I would like to point out that the term "stereo" does not actually at its origin imply or mean 2 channels - instead it implies a 3D illusion typically produced by multiple channels (ie: more than one) - early versions were 3 channels, and dropped down to 2 due to the main medium being "records" that have 2 channels.
So Stereo by its original definition, is in fact Spatial Audio - and the term "stereo" does not define or limit the number of channels, other than it being more than 1...
Useage, as opposed to strict definitions, has however turned "stereo" into - "2 channel audio"... and that is the de facto modern usage of the term.
On other items of relevance - yes we have 2 ears... and when using headphones, with appropriate HRTF, 2 channels can do the job for all the required spatial audio queues (can, but seldom does.... between theory and practice there remains a wide gulf... but there are excellent examples of successful methods).
When using speakers in a room - we have to consider not only the two "receptors" (ie: ears) - but also their heavily tailored surround (THE Ears) - which alter the sound actually perceived, based on the direction from which it is perceived (ie: HRTF... including ear shape, lobes etc...).
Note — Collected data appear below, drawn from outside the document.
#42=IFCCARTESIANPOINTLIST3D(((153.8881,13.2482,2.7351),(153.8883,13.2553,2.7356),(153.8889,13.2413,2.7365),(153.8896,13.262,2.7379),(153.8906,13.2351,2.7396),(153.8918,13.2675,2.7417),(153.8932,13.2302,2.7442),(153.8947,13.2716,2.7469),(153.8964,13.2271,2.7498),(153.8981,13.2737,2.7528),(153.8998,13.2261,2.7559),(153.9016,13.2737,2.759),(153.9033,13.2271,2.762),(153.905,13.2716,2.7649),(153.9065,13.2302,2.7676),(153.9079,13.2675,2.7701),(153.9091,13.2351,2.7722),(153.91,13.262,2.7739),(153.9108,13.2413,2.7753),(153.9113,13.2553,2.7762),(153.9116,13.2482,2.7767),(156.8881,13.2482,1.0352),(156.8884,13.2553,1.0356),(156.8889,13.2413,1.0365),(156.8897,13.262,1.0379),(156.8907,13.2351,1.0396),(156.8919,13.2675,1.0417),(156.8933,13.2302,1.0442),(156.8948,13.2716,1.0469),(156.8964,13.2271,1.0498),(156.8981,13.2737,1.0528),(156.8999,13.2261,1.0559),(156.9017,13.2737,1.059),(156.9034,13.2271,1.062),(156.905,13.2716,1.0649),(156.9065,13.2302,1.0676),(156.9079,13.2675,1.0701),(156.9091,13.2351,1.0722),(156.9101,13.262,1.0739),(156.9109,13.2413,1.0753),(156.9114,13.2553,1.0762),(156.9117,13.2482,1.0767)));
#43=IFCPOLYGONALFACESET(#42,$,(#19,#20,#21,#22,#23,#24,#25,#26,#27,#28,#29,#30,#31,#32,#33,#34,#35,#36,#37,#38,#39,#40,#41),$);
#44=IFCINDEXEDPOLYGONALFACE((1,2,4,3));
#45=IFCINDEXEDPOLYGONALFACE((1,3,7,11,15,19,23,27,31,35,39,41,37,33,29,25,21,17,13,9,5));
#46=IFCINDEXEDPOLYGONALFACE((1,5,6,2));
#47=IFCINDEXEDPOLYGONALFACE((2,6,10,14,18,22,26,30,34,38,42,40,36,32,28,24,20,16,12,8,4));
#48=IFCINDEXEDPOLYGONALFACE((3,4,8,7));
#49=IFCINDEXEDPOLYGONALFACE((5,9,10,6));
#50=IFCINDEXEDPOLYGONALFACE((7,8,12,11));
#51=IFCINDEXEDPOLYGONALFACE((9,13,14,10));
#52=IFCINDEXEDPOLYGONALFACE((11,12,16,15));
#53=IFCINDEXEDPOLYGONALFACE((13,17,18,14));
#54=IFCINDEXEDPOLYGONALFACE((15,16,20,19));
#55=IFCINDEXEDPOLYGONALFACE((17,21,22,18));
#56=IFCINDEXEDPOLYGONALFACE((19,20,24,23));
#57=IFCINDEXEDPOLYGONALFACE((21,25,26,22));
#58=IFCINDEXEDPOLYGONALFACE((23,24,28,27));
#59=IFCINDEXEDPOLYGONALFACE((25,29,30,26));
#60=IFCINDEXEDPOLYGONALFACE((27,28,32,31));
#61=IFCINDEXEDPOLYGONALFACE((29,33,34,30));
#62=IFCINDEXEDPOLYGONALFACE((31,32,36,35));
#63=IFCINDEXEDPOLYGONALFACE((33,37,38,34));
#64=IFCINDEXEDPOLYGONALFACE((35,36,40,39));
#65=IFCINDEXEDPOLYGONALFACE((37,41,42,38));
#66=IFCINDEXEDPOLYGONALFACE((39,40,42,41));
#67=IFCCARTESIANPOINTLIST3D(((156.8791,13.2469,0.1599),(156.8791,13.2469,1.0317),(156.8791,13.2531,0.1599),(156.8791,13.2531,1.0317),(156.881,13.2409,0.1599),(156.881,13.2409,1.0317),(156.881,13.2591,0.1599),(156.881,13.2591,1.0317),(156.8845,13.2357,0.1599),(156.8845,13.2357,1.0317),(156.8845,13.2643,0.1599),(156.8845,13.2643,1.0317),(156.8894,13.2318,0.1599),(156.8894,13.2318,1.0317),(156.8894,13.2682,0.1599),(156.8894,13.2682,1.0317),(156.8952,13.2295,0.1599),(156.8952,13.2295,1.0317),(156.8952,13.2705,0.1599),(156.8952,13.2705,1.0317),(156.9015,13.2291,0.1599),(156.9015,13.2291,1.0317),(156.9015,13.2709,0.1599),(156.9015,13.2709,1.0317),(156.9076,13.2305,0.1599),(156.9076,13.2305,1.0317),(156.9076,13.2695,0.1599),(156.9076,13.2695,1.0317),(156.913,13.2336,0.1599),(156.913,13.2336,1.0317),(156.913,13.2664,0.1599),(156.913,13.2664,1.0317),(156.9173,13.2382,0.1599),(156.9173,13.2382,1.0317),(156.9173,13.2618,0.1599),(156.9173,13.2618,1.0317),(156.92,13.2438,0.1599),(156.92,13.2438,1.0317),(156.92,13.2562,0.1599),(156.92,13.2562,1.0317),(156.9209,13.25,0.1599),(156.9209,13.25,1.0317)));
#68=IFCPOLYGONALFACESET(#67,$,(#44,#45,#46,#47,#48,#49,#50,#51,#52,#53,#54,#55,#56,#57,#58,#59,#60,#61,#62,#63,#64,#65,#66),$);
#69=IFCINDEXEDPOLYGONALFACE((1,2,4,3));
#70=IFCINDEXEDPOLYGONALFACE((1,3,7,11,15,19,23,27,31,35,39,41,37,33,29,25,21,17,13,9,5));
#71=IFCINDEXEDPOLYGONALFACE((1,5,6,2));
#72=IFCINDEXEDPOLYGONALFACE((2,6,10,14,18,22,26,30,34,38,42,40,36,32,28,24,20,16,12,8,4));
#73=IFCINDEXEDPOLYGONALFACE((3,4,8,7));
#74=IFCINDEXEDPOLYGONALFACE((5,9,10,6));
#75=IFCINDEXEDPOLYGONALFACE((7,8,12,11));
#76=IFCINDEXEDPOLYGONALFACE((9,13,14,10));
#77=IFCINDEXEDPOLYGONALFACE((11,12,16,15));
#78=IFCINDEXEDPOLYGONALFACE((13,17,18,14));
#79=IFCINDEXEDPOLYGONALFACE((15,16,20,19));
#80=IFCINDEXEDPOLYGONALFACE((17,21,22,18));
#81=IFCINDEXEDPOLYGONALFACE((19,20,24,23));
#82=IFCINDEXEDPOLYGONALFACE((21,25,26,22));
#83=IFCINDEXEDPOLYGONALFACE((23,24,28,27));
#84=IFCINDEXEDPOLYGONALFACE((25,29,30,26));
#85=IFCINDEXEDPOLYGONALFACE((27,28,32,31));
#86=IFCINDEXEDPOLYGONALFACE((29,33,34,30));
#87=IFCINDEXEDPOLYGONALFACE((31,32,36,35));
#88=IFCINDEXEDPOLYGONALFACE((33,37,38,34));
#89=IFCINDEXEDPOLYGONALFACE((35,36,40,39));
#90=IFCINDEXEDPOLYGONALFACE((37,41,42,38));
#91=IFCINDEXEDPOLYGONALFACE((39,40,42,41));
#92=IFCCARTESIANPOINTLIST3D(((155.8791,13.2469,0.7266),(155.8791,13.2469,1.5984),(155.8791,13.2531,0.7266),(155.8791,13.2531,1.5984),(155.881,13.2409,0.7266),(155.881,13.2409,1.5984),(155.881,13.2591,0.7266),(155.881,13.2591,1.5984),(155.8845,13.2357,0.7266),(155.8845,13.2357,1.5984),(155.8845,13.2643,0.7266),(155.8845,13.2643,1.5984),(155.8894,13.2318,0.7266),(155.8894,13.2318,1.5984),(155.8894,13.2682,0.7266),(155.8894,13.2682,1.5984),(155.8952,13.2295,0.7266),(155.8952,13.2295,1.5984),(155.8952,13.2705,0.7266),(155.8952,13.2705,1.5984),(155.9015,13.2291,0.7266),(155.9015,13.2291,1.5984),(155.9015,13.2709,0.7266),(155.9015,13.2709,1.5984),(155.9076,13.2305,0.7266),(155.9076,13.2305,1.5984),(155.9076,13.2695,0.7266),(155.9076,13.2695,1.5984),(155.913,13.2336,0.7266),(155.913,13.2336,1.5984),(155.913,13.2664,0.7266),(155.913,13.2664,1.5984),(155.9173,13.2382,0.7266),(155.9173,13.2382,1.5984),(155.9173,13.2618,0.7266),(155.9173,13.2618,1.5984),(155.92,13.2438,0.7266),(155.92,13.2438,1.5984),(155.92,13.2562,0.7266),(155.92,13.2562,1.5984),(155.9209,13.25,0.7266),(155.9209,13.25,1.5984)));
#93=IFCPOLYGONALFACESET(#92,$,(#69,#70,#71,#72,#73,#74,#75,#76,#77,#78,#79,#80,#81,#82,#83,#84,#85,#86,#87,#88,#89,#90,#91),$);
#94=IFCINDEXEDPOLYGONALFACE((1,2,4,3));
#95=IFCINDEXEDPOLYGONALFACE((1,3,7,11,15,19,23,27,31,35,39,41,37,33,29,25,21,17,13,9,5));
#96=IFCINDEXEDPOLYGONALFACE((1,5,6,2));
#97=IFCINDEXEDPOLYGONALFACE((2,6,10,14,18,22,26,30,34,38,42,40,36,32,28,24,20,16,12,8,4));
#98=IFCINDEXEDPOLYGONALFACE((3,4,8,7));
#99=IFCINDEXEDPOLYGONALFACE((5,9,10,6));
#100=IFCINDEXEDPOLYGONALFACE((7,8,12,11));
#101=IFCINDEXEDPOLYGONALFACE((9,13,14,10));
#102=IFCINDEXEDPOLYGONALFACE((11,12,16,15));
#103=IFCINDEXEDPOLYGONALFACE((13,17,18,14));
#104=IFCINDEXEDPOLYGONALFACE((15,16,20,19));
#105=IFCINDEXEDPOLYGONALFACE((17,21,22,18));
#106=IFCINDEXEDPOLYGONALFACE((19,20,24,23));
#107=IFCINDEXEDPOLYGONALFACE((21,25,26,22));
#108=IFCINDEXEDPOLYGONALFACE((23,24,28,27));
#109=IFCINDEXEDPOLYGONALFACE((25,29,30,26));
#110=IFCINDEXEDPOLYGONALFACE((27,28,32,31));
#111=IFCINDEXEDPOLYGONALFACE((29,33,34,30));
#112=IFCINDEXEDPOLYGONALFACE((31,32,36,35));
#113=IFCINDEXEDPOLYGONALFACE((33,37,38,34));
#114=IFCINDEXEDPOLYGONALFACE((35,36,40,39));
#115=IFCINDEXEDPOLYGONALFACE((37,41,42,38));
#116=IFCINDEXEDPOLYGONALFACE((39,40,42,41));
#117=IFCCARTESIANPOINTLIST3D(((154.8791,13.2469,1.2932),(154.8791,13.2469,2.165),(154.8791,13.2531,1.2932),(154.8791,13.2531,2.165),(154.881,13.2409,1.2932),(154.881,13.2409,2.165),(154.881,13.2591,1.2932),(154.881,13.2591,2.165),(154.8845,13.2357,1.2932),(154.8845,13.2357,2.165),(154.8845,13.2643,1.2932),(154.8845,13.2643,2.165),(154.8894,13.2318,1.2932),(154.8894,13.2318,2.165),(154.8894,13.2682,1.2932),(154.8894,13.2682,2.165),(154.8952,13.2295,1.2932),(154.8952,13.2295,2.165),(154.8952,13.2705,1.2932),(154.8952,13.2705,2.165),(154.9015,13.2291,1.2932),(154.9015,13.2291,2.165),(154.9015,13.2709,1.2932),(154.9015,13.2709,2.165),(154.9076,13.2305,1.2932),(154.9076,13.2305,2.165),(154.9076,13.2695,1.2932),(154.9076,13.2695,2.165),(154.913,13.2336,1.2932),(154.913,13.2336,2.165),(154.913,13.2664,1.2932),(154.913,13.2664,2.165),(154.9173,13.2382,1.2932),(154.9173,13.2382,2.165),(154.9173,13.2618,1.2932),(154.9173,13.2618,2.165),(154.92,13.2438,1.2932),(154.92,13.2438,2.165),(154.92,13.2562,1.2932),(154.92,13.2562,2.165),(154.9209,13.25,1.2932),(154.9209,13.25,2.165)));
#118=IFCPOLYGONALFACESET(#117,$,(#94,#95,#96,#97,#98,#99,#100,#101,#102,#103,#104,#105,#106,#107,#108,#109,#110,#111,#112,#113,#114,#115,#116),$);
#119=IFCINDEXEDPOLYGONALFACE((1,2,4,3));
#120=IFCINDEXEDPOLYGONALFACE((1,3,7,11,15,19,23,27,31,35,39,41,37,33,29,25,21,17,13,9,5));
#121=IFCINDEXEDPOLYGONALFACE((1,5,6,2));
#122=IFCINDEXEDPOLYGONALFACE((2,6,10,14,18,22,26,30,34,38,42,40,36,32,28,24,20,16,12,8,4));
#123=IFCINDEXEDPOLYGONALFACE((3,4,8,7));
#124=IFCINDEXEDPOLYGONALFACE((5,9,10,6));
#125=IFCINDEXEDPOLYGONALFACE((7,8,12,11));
So for the "perfect" illusion you need the sound to arrive at our fleshy hearing appendages, either from differing directions (as per the place/event being aurally depicted) - or to arrive directly to the ear (as per headphones) with HRTF processing, to provide the appropriate alterations to the sound to simulate that process.
Sometimes, in some rooms, with some speakers, and some recordings, the illusion can be astounding!
But listen to a well made binaural recording, and it is an order of magnitude better... we have a ways to go!
IMO multichannel (more than 2) is a step along the path to improving the sound field in a shareable "room" way.